Through out my life i have travelled extensivly and have always found it soothes me to return to an area that is familiar no matter what it is costal.city,jungle or just plain room with friends I am now 64 and would like to have a familiar base /place that i could travel out from and return to when i dont need to travel for a while I have also lived a short period in my camper off grid and still enjoyed staying in a cheap questionable Motel for an evening its about what your self needs to keep the whole person happy probably makes no sense but thats who i am .
I appreciate the question as its more input for me to consider .
I understand the urge to buy land, especially in the post-911 world where without some roots we are looked on with great suspicion. So I bought a piece of land that is half way between the desert and forest. At 6000 feet it's still dry but their are Junipers so it is also green. It'll get real winter and snow, but not much and it will get hot, but not extreme. I could live their year around and when I'm too old to travel I may.

It's 20 miles south of the Grand Canyon and 50 miles north of Flagstaff, AZ. I paid $2500 for an acre.

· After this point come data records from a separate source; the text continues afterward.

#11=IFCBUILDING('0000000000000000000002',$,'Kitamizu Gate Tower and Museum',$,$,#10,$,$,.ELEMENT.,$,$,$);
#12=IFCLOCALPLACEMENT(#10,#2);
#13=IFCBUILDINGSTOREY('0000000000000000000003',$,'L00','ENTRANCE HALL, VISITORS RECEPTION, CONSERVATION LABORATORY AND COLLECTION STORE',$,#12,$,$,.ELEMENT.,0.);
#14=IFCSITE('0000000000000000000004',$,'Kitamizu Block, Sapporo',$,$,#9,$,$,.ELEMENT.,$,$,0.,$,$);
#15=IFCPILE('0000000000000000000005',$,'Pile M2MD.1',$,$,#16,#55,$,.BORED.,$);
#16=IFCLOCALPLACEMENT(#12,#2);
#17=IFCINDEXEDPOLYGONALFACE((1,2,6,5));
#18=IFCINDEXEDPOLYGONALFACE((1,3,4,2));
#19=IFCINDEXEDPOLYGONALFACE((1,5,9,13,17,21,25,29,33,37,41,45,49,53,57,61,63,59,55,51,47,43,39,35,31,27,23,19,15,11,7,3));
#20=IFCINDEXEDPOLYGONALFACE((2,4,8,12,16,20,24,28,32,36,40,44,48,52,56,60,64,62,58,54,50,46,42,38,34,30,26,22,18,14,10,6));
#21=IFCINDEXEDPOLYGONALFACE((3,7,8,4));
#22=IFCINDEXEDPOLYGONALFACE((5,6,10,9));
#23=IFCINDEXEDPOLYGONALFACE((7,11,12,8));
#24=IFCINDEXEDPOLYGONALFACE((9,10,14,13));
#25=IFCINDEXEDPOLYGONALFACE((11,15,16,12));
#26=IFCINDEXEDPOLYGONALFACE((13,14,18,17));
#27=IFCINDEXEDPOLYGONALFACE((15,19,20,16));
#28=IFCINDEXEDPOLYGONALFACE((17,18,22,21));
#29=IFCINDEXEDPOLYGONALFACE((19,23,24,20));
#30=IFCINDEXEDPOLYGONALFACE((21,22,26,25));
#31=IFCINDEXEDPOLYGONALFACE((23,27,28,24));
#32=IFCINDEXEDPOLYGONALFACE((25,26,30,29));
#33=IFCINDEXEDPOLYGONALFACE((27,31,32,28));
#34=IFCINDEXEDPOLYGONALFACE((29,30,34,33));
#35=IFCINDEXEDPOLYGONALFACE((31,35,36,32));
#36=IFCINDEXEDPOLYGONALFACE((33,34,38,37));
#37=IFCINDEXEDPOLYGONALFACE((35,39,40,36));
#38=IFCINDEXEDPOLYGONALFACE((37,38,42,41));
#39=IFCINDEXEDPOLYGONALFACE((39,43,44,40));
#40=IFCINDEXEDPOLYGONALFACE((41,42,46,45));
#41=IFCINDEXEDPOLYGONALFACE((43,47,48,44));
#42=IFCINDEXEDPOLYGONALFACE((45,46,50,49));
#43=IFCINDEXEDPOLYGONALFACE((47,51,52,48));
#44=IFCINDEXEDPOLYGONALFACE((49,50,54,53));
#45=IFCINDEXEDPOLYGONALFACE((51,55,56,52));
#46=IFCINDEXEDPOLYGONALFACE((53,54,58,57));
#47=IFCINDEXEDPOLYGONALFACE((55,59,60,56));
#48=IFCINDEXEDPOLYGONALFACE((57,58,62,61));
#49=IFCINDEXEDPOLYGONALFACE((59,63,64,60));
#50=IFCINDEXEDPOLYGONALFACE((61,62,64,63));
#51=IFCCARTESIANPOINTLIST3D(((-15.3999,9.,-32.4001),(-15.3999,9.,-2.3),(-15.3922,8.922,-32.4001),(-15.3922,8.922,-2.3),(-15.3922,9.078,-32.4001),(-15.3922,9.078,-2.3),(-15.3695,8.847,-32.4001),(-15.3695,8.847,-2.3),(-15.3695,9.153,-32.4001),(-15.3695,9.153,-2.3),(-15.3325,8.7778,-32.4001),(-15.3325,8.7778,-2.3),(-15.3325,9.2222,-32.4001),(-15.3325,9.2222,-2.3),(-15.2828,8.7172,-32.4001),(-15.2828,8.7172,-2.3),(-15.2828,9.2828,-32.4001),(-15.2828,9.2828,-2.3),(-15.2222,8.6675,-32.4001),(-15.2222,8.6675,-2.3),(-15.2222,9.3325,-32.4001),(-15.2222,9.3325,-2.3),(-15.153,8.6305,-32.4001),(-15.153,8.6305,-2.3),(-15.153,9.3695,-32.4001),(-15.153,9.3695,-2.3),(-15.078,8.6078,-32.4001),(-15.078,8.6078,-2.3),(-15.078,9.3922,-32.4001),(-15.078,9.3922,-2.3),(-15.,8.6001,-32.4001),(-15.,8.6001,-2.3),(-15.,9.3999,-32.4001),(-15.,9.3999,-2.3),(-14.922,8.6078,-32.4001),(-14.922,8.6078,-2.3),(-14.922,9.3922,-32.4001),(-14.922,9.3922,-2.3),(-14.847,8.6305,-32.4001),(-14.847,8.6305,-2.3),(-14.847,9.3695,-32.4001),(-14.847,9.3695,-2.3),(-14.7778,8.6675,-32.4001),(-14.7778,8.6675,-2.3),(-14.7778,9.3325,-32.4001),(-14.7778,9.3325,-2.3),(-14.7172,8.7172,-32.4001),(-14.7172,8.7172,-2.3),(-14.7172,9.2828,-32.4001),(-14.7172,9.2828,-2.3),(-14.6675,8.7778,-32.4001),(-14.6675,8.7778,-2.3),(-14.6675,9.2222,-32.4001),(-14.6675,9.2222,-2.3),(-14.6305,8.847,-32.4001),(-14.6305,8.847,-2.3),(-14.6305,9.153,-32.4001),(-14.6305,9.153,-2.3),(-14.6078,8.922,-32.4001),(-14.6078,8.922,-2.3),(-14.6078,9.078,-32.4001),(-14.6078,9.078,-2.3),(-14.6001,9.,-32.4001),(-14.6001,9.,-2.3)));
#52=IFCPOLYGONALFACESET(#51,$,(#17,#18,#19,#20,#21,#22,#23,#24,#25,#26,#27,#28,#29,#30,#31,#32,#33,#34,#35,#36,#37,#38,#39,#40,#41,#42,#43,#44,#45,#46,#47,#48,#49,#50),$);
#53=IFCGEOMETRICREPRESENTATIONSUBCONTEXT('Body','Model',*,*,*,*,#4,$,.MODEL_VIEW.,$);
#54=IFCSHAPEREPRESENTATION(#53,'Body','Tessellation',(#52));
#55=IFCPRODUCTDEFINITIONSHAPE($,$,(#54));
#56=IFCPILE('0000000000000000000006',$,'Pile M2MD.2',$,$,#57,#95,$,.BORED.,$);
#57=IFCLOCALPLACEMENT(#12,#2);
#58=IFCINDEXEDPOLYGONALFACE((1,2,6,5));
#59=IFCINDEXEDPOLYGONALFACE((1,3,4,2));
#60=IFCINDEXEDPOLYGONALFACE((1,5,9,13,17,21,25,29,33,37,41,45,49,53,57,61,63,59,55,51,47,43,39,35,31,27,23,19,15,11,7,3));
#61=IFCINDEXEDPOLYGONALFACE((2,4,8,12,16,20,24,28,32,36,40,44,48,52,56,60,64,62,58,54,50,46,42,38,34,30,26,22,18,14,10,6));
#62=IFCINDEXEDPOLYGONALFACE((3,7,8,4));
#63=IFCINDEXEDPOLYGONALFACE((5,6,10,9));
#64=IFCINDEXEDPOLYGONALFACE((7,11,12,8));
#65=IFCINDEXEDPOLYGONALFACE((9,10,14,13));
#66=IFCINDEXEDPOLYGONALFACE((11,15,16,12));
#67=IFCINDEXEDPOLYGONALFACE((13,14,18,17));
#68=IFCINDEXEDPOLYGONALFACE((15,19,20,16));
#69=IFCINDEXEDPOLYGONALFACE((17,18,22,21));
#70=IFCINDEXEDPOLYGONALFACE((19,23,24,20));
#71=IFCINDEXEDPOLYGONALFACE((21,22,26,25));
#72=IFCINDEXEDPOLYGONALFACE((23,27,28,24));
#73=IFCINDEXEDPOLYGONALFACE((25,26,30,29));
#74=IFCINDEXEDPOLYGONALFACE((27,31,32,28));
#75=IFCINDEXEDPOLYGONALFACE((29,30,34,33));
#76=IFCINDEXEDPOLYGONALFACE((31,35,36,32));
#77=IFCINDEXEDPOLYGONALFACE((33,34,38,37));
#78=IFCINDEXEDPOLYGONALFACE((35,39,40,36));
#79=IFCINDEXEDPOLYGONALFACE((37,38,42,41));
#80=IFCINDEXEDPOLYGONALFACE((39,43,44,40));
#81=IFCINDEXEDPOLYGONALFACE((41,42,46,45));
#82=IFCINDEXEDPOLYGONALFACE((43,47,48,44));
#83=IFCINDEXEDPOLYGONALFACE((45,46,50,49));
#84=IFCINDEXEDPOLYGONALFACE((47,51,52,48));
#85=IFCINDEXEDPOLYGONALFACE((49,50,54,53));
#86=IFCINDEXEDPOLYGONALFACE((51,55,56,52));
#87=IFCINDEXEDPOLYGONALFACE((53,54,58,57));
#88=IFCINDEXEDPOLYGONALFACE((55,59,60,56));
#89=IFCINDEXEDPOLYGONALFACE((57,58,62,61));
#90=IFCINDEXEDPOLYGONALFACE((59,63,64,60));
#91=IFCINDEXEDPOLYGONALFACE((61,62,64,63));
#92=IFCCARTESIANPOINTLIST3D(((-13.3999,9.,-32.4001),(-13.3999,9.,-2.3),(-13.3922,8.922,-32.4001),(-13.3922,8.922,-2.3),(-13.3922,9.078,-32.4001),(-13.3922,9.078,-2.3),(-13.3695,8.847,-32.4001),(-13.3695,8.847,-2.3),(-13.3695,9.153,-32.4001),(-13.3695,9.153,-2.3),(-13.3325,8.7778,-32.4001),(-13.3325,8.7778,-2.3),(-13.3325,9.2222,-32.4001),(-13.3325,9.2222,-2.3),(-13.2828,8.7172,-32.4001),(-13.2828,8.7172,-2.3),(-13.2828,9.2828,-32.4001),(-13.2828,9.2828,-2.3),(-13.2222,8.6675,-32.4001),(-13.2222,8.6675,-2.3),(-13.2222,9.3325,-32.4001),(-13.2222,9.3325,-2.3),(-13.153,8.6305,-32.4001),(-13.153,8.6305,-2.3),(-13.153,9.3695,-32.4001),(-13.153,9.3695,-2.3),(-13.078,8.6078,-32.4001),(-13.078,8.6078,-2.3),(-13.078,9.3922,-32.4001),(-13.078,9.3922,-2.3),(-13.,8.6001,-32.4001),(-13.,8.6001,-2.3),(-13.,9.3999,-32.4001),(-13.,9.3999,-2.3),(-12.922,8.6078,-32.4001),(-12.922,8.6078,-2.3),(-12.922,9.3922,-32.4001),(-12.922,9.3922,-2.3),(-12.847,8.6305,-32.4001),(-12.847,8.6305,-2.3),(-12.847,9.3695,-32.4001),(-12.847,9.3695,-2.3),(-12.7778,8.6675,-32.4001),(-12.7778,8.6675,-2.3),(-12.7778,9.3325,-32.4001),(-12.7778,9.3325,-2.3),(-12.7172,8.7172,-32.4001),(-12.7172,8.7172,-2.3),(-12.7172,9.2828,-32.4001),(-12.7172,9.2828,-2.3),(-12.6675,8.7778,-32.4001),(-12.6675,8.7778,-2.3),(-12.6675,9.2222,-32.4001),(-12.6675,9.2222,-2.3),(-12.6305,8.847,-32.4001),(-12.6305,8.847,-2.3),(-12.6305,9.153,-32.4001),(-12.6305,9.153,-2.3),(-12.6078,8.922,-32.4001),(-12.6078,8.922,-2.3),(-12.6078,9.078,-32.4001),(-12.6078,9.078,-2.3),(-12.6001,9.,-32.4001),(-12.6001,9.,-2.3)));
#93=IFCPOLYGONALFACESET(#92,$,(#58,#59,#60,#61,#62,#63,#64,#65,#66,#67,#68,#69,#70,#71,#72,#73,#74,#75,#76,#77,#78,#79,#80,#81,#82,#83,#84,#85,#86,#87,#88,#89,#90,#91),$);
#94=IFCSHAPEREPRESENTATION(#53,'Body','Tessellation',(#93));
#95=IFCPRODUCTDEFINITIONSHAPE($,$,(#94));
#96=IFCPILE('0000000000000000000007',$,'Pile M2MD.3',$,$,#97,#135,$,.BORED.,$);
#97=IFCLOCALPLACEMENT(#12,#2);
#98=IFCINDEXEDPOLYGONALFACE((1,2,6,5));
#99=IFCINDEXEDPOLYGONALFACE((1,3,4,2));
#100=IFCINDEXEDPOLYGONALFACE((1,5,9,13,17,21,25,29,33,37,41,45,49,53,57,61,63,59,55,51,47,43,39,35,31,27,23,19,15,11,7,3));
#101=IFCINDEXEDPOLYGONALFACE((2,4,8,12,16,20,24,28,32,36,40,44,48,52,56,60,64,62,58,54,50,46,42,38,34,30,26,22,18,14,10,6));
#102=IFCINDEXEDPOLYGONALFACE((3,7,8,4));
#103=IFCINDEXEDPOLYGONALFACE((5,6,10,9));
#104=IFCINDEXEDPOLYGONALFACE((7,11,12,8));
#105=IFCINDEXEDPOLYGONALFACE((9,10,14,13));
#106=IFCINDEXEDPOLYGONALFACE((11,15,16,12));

But I've found a spot on BLM desert land where I can sit for 5 months at a time and never see a ranger and yet I'm 3 miles from a Flying J and 6 miles from an Albertsons grocery store. Getting free water and dumping trash is very easy. Local showers are $6. Nearest Walmart s 40 miles away

I spend most of my winter pretty close to there also spending some time in Quartzsite (17 miles away) and Yuma (95 miles away). I have friends that sit there all winter, never moving.
Bob
I loathe the desert. The wind hits almost hurricane strength several times a week. Our old table top grill is still going strong and it's 4 years old. Due to the wind we rarely use it. We normally wear out a grill in 1 year. DUST, DUST, DUST! Talcum powder fine dust gets everywhere. I am allergic to the pollen in the lousy dust and have to take an allergy pill (or two) daily. I've had "Desert Fever" three times.

We will be buying land to homebase on in either FL or AL (where it's green). Later we will buy a second spot to base on in TN. We have our reasons and it's nobody's damned business either. Just like it's nobody's business as to why you want to have a piece of land to homebase on.
I do want to visit the Desert Southwest in time, but "home" will always be green forests with seacoast nearby. I drove through the desert a few times in my Navy Daze and was interesting, but had no time to stop between assignments. That was thirty years ago.
like bob said, I would look in the transition zone. between the lower elevations and the higher elevations. in the mixed juniper, pinion forest. it's a good compromise between the two extremes of hot and cold. btw I never let the wind stop my bbq I use a wind break if it is to strong, but most of the time the wind in the summer has a nice cooling effect. I can also handle the dry desert heat a lot better than the humid heat. highdesertranger
HMMMM>>>>>>>>

Do I want to be able to breath, or do I want to stay warm? BOTH!

One day I will find the base to work out of. I may have one in N~California. I found a place I like.

BUT~~ I will definitely visit the desert to remind myself what heat is.